The cash flows after year 20 are the same for all strategies, because we have assumed that 12% of the initial investment is used to buy a DIA. The payments do not stop at year 24 (the last year in the chart) but continue until the annuitant’s death. The excess funds provided by the risky strategies in year 20 can be spent, saved, or used to buy additional annuity units, thereby increasing the retiree’s income after age 85.

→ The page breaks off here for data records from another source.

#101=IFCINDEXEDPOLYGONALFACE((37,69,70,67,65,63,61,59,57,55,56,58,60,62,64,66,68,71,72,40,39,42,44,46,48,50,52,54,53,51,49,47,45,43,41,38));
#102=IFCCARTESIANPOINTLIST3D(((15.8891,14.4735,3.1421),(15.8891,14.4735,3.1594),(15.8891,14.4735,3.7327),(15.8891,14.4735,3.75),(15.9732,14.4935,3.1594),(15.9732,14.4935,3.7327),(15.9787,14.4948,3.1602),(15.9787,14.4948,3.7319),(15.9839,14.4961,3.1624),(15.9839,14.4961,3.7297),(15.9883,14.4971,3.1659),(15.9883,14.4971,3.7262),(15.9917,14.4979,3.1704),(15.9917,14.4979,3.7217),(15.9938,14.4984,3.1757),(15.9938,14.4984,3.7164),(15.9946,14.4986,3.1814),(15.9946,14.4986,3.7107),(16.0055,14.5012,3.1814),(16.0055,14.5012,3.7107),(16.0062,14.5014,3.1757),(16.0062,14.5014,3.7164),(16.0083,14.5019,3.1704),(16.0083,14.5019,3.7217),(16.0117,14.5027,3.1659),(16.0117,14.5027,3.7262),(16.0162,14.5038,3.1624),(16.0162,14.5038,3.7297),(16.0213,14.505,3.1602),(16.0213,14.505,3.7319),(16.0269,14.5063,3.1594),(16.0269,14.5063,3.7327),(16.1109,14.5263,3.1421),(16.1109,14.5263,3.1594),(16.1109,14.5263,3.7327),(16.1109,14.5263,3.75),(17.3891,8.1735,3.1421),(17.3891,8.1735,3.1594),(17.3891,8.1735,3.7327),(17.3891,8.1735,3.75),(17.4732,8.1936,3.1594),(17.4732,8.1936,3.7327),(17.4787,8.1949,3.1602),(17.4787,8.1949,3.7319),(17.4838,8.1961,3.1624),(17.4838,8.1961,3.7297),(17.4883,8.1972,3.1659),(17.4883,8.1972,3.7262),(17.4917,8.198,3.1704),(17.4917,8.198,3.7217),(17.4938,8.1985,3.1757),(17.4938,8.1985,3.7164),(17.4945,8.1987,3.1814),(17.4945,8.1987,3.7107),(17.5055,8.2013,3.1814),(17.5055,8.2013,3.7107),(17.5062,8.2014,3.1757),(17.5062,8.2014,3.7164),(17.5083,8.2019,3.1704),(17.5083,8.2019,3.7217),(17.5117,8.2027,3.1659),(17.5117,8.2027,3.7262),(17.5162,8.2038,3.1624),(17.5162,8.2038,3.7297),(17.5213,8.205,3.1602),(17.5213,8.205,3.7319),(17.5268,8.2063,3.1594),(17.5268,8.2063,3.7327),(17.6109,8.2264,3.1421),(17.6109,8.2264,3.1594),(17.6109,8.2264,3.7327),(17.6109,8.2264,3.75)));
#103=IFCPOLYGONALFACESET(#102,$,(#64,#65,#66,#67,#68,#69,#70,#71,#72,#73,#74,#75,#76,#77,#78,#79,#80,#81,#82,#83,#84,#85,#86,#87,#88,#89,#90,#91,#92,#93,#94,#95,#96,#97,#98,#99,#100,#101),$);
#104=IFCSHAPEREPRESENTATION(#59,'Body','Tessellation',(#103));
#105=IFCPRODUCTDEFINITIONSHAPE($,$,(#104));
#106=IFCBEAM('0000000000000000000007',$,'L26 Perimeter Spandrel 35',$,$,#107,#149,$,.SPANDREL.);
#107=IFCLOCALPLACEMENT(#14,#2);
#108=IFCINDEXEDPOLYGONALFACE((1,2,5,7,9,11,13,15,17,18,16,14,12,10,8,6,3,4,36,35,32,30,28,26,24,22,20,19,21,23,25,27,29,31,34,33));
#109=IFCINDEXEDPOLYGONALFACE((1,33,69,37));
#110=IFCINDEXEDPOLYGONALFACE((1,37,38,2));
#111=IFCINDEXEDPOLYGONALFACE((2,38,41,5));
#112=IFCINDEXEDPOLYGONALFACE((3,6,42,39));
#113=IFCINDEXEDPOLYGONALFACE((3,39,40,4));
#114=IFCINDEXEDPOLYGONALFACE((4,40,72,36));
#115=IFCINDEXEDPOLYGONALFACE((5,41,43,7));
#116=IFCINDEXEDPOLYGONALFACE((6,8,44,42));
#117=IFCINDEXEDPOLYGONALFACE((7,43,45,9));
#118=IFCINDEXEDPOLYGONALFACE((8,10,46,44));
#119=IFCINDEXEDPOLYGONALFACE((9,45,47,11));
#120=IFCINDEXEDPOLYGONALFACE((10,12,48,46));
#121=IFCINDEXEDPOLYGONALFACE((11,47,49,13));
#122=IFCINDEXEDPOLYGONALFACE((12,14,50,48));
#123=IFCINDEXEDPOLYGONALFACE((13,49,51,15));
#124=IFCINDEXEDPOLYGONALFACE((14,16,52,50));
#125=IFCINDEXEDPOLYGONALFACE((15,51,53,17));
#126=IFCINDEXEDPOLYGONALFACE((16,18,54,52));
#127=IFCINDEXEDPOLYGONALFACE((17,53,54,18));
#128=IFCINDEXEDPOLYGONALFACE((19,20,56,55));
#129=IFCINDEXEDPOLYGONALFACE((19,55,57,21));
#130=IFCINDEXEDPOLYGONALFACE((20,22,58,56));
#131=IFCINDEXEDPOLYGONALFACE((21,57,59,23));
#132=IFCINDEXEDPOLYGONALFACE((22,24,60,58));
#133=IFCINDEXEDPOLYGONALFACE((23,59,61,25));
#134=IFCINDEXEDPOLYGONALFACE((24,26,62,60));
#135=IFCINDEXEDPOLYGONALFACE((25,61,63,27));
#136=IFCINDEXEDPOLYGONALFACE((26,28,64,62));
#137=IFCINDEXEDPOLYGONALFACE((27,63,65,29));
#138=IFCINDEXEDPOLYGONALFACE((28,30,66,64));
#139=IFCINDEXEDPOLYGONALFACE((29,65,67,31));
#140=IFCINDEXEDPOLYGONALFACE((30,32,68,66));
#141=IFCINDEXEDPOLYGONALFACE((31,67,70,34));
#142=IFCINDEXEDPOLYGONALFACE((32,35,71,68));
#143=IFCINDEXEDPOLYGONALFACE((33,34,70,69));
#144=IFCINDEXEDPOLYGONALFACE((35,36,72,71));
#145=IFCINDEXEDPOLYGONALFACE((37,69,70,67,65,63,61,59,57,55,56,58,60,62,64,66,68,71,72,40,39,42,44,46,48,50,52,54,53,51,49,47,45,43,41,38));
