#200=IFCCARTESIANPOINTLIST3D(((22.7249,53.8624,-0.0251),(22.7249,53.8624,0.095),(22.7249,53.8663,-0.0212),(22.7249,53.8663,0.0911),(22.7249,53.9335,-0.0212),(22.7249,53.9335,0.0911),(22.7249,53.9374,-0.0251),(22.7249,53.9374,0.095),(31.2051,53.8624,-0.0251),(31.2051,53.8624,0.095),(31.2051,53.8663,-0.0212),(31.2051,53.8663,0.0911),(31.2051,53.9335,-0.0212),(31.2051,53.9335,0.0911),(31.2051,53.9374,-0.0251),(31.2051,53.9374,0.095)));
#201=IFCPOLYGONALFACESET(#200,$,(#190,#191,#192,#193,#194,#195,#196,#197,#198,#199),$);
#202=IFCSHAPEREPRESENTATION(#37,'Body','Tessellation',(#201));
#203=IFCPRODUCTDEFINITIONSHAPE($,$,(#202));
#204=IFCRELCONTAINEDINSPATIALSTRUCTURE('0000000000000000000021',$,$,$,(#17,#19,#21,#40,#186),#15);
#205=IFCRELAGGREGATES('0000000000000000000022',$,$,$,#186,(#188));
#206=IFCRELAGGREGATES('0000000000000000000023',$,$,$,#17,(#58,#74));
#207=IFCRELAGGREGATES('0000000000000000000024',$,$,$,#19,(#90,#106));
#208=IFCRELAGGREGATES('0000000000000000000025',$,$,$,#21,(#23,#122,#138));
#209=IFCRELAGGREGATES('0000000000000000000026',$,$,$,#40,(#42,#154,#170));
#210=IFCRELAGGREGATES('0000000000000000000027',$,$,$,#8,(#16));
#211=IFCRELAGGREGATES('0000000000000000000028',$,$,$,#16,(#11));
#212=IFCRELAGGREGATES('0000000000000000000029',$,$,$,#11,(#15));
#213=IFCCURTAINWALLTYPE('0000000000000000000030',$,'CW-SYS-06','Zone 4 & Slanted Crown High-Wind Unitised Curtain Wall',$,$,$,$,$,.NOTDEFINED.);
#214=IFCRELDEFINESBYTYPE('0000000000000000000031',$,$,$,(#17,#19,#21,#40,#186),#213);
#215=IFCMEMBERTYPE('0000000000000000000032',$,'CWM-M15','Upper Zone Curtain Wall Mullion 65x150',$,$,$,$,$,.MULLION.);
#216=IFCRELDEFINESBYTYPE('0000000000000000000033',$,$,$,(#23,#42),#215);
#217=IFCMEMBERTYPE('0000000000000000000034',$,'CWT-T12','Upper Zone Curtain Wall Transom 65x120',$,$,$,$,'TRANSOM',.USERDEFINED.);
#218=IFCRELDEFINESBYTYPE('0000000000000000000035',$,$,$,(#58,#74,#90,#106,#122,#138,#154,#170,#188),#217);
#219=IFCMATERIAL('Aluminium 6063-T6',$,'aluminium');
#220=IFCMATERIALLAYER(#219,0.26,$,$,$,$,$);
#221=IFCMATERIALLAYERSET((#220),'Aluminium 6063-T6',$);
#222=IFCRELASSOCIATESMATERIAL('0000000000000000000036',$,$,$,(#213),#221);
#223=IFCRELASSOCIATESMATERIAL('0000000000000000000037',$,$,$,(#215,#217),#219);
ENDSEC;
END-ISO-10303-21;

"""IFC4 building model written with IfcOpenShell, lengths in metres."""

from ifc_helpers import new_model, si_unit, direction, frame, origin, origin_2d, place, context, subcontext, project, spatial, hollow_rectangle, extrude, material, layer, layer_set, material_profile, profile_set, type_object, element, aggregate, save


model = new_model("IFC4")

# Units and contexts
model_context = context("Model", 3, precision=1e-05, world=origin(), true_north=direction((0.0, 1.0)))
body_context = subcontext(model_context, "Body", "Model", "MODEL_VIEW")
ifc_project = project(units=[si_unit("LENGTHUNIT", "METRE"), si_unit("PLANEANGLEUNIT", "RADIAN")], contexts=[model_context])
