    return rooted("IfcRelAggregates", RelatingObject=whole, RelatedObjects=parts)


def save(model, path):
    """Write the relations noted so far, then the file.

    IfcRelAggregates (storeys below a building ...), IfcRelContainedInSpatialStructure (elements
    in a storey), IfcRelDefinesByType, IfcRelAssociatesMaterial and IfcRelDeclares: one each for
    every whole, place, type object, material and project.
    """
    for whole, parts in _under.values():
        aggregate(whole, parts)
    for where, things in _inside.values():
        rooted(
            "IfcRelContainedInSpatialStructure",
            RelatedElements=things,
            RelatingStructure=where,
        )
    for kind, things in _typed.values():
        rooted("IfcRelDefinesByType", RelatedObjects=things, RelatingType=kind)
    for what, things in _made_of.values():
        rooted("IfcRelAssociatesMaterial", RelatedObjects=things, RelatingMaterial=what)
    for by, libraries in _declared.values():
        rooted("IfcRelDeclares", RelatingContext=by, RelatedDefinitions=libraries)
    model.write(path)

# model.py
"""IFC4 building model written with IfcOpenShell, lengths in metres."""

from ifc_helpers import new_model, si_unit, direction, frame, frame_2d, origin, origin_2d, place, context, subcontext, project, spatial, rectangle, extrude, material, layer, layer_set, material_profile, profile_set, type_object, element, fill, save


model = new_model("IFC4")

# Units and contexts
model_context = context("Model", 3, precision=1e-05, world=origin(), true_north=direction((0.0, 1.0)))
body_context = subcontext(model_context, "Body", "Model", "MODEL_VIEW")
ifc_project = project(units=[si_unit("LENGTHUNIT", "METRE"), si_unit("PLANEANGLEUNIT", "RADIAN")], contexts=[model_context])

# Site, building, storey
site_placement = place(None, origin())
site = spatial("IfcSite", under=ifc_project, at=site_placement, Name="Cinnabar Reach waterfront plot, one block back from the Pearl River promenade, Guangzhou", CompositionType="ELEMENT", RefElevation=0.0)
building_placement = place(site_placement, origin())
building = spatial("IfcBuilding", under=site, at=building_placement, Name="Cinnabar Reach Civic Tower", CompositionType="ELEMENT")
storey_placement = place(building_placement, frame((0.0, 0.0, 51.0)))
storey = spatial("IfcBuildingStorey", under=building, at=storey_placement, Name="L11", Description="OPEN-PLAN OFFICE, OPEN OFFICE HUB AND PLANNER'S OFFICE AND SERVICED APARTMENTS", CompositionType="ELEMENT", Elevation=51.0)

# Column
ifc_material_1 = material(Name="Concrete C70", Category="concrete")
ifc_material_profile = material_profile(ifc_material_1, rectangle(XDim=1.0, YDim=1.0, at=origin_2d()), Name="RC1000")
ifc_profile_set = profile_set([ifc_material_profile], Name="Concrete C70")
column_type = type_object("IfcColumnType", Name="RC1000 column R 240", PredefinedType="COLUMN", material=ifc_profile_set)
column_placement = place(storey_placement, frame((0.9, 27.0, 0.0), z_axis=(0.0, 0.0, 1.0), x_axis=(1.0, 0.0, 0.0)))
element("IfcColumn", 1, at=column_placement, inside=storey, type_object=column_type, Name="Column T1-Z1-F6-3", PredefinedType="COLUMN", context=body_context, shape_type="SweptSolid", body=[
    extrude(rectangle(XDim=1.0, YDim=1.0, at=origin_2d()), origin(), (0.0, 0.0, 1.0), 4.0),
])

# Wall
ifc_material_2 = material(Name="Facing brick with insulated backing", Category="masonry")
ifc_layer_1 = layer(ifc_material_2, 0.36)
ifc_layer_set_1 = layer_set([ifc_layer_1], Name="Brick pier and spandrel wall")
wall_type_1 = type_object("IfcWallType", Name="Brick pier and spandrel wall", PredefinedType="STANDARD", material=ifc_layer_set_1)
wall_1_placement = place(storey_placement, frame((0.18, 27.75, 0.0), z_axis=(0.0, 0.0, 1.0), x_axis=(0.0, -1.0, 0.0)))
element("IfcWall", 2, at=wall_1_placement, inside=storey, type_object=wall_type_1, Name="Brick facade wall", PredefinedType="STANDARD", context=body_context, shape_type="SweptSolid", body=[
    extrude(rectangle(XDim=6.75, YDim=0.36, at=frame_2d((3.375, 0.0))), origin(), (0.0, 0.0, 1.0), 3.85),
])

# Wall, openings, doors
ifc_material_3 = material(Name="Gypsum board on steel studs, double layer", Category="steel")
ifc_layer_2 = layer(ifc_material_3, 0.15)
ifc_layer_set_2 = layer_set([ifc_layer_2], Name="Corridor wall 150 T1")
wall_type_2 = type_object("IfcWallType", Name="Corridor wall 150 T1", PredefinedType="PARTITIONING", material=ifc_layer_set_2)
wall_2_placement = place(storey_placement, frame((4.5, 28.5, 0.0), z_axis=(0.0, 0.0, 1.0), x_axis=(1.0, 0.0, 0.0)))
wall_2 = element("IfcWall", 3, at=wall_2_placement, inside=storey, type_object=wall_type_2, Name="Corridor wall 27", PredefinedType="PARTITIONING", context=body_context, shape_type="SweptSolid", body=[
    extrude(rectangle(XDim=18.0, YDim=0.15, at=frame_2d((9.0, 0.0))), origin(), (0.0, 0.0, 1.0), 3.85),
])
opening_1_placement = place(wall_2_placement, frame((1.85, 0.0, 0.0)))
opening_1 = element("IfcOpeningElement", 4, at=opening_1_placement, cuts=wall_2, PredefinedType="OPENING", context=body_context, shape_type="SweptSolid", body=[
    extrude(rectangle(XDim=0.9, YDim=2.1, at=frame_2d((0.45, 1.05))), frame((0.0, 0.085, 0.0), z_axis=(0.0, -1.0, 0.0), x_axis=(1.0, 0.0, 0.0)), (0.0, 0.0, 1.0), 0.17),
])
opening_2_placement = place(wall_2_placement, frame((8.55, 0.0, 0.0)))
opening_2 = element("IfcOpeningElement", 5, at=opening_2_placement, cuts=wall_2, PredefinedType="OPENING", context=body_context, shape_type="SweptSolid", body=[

Note that the bearish scenario is not in any sense a worst-case scenario. The bearish scenario assumes another 20 years of unchanged stock prices; in the worst case, stocks decline. Thinking about the worst-case scenario also leads one to consider the possibility of default or compromised payment on TIPS, a very unlikely outcome that would only occur if there is hyperinflation. Such a scenario would adversely affect both the conventional strategy and the DCDB strategy, however, and it is hard to say which would suffer more, because, in such a case, investments other than TIPS would almost certainly default or greatly decline.
Summary
The work of Tomlinson and others makes it clear that a strategy combining a conventional portfolio with DIAs reduces the burden on investors of planning for a lifetime and makes the retirement income generation problem manageable. Sexauer, Peskin and Cassidy take the concept a step farther by noting that the TIPS-plus-deferred annuities strategy is the lowest-risk position available to investors who are averse to annuitizing their whole portfolio, and they calculate the cash flows from it. They then use these cash flows as a benchmark for riskier strategies that are undertaken in an effort to earn higher returns.
I don’t know what asset mix I’ll hold in the part of my retirement fund that’s earmarked for the first 20 years, but the deferred annuity is such an appealing idea, I’m certain I’ll use it. I just hope that diversifying among two or three annuity issuers is enough protection.
I’d hate to have to go back to work at 85.
Laurence B. Siegel is research director of the Research Foundation of CFA Institute and senior advisor at Ounavarra Capital LLC. Before he retired in 2009, he was the director of research for the investment division of the Ford Foundation, which he joined in 1994 from Ibbotson Associates, a consulting firm that he helped to establish in 1979.